When  the ICO produced his Review, he suggested  to F that  should he be unhappy with the outcome, he may complain to the Parliamentary & Health Service Ombudsman, (PHSO).

He was not at all obliged to do so.  He thought of asking his MP, SIr Malcolm Rifkind, QC to intercede on his behalf with  RBKC. Is it not our MP’s job to assist in resolution of problems with local authorities.  F hoped, rather foolishly, that Sir Malcolm would assist and resolve the matter at a local level, to avoid any possible embarrassment to RBKC.   MPs, particularly those of the same political hue as the authority, do not interfere in  local matters matters,  which may create an embarrassing situation. 
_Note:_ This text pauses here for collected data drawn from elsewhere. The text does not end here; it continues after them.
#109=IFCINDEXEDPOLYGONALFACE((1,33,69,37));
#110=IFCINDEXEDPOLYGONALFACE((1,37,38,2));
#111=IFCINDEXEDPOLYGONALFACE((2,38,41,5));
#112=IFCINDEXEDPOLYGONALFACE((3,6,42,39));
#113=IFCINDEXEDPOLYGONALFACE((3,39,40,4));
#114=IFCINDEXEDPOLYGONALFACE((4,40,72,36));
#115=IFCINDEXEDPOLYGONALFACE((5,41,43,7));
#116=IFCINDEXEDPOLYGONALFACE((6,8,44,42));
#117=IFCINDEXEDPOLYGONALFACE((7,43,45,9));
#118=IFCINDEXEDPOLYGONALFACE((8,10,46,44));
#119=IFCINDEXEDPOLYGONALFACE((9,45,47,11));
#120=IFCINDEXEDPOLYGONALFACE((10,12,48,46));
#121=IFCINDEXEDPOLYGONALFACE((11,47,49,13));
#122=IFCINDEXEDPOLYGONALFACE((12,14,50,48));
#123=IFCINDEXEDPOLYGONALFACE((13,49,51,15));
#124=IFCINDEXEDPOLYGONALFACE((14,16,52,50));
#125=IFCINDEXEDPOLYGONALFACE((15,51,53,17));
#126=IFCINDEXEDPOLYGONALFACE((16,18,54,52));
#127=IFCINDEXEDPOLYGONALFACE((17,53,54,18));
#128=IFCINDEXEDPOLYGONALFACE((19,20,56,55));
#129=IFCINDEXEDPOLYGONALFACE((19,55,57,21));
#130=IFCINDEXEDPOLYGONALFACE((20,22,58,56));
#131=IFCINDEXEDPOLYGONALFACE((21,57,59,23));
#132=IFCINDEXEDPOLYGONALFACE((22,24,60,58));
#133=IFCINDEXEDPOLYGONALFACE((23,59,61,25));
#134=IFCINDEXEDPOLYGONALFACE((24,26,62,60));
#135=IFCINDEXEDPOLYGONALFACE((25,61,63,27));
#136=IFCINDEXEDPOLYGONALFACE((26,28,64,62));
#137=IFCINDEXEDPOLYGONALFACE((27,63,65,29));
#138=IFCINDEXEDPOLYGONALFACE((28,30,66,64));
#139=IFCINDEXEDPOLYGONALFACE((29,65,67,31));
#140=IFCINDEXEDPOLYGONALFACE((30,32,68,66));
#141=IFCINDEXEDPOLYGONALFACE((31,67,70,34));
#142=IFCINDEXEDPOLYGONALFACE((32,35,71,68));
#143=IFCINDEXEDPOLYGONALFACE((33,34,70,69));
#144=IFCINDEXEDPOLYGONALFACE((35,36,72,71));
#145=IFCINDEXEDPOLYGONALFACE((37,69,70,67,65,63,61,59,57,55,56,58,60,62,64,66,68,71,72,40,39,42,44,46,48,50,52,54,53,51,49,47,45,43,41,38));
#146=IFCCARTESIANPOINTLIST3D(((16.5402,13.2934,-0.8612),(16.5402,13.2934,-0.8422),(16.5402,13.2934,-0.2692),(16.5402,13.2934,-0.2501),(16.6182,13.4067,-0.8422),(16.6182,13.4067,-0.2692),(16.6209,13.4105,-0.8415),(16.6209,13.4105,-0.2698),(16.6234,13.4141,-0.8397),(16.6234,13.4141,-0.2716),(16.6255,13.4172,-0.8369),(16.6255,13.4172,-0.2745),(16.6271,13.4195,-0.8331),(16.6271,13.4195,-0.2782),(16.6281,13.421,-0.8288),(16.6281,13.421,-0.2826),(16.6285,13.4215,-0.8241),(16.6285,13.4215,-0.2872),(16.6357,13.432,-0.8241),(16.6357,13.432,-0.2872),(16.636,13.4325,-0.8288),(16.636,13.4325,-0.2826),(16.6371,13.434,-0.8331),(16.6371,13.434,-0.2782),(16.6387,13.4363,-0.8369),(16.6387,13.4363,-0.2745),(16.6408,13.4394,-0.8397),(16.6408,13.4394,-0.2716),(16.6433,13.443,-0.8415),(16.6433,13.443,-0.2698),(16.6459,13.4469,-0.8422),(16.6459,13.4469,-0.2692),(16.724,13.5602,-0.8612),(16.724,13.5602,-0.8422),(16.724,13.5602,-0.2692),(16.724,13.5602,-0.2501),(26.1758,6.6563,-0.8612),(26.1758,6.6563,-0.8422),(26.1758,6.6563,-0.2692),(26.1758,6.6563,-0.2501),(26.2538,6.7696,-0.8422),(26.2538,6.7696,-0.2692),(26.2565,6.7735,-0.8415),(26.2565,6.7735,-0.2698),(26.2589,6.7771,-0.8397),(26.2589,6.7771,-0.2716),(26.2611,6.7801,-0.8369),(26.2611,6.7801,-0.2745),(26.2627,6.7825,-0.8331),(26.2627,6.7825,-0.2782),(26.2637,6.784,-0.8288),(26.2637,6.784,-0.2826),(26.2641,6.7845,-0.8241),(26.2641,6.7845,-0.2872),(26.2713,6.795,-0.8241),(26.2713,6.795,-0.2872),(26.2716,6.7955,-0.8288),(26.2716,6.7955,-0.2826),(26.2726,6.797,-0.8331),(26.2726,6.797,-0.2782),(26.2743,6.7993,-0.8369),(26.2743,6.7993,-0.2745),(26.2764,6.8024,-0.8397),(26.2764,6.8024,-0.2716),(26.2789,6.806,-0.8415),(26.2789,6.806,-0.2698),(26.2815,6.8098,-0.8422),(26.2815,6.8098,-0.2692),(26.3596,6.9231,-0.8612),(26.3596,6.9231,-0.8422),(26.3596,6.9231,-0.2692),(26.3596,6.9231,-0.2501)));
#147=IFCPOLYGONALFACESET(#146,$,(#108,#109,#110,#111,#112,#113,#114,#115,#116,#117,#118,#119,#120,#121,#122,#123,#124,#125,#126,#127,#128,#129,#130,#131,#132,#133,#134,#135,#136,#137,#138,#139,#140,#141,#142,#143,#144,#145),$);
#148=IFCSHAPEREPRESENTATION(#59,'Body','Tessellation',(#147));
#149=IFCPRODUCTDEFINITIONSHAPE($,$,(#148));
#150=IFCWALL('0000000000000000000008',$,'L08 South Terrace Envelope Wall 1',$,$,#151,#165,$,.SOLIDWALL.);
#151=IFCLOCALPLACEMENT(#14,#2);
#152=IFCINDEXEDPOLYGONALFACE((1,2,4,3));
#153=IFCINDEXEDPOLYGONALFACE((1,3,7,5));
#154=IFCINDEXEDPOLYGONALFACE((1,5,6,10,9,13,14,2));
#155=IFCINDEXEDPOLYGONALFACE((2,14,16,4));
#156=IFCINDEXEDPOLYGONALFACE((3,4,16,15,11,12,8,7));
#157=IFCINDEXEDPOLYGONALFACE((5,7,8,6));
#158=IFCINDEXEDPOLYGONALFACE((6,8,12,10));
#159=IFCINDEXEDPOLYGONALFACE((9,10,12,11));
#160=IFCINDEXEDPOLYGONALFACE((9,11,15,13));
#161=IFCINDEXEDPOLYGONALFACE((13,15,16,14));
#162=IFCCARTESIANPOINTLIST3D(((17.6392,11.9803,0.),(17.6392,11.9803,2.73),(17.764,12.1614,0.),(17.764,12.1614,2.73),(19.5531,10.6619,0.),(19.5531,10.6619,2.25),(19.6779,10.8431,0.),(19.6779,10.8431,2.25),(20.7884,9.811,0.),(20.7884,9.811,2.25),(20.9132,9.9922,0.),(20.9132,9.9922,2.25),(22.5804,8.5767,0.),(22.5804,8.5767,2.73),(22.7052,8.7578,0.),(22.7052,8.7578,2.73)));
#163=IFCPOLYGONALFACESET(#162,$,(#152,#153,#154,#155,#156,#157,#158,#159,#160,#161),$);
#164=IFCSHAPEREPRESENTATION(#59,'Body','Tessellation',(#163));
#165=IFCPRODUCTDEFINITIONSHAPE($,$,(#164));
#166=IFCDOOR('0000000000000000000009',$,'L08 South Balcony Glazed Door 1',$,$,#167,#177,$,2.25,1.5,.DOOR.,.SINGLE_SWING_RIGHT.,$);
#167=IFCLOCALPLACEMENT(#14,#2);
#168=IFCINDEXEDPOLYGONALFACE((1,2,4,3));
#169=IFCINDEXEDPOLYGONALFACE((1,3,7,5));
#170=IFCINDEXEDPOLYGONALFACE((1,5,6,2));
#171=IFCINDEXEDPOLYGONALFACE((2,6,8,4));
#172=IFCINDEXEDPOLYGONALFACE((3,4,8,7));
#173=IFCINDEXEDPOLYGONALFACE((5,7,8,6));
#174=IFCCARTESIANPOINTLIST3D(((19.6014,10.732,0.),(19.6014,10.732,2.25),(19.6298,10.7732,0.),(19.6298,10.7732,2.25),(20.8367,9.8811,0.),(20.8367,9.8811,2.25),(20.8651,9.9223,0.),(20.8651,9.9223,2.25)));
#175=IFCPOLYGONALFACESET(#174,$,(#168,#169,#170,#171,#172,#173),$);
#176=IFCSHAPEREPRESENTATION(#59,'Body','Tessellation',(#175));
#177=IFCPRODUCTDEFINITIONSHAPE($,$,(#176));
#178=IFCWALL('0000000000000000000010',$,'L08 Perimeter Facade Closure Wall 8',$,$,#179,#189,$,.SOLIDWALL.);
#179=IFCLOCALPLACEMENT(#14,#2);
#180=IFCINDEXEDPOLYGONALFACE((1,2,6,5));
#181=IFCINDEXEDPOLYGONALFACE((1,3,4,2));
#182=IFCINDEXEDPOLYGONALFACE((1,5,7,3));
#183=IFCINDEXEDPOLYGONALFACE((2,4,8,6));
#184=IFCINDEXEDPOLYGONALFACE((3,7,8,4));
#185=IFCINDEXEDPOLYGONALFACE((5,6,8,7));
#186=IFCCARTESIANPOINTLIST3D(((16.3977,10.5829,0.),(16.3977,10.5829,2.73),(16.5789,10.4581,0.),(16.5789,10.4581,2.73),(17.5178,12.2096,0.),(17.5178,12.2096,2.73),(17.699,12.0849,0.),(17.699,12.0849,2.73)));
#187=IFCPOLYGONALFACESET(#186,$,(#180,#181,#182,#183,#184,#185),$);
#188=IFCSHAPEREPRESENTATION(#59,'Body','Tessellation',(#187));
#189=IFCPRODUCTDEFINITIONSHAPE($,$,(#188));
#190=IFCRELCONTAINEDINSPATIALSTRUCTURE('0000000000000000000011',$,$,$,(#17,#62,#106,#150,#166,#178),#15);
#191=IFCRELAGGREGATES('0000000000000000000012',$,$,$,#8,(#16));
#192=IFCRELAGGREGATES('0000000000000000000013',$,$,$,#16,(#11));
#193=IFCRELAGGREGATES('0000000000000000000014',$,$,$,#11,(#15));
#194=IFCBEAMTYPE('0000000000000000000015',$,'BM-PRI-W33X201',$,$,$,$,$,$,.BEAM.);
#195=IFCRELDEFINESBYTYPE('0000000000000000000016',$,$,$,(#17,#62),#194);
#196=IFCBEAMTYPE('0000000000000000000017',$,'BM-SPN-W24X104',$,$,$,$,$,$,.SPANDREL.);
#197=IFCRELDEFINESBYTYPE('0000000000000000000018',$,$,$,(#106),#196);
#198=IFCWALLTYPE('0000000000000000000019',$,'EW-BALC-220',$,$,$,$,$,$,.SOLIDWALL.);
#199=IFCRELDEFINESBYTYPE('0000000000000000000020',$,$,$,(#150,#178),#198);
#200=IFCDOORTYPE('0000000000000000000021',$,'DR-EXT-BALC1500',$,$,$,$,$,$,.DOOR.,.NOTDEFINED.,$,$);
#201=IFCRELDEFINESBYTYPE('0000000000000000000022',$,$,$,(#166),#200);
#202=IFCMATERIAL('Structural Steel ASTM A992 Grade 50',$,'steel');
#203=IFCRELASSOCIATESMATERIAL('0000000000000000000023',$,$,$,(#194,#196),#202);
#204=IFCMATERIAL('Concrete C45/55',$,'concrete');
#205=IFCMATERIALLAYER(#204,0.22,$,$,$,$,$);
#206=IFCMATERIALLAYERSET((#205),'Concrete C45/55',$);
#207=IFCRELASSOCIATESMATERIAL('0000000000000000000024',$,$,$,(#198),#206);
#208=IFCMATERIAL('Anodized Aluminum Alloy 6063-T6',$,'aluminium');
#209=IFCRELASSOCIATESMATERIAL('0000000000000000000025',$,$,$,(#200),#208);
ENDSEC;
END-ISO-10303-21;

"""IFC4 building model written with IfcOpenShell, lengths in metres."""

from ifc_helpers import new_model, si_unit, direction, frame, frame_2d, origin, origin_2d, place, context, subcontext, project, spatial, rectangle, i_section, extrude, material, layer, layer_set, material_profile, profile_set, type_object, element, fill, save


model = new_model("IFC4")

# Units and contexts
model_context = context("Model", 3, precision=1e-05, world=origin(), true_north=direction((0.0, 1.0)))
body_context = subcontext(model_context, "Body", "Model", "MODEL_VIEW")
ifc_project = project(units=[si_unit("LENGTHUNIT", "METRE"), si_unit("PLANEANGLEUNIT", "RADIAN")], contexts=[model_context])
F  was given to understand that complaint to the PHSO can only be made through his MP, Sir Malcolm Rifkind.

On 19th October 2012, F submitted his complaint to Sir Malcolm.. It would be naive to think that he, a well known QC, was not aware of the basic principles of CONFIDENTIALITY.  a term everyone was at great pains to avoid, for fear of opening a new can of worms, which might lead the matter in an unpredictable direction.  He preferred  to just countersign F’s complaint and pass it to the PHSO.   Job done, any embarrassing questions avoided.

On 31st October 2012 he received PHSO’s   acknowledgement of his complaint.  F provided additional information and documents to support his complaint.

On  22nd February 2013 F received  PHSO’s decision.  Ms  Bowes merely reiterated the ICO’s assessment.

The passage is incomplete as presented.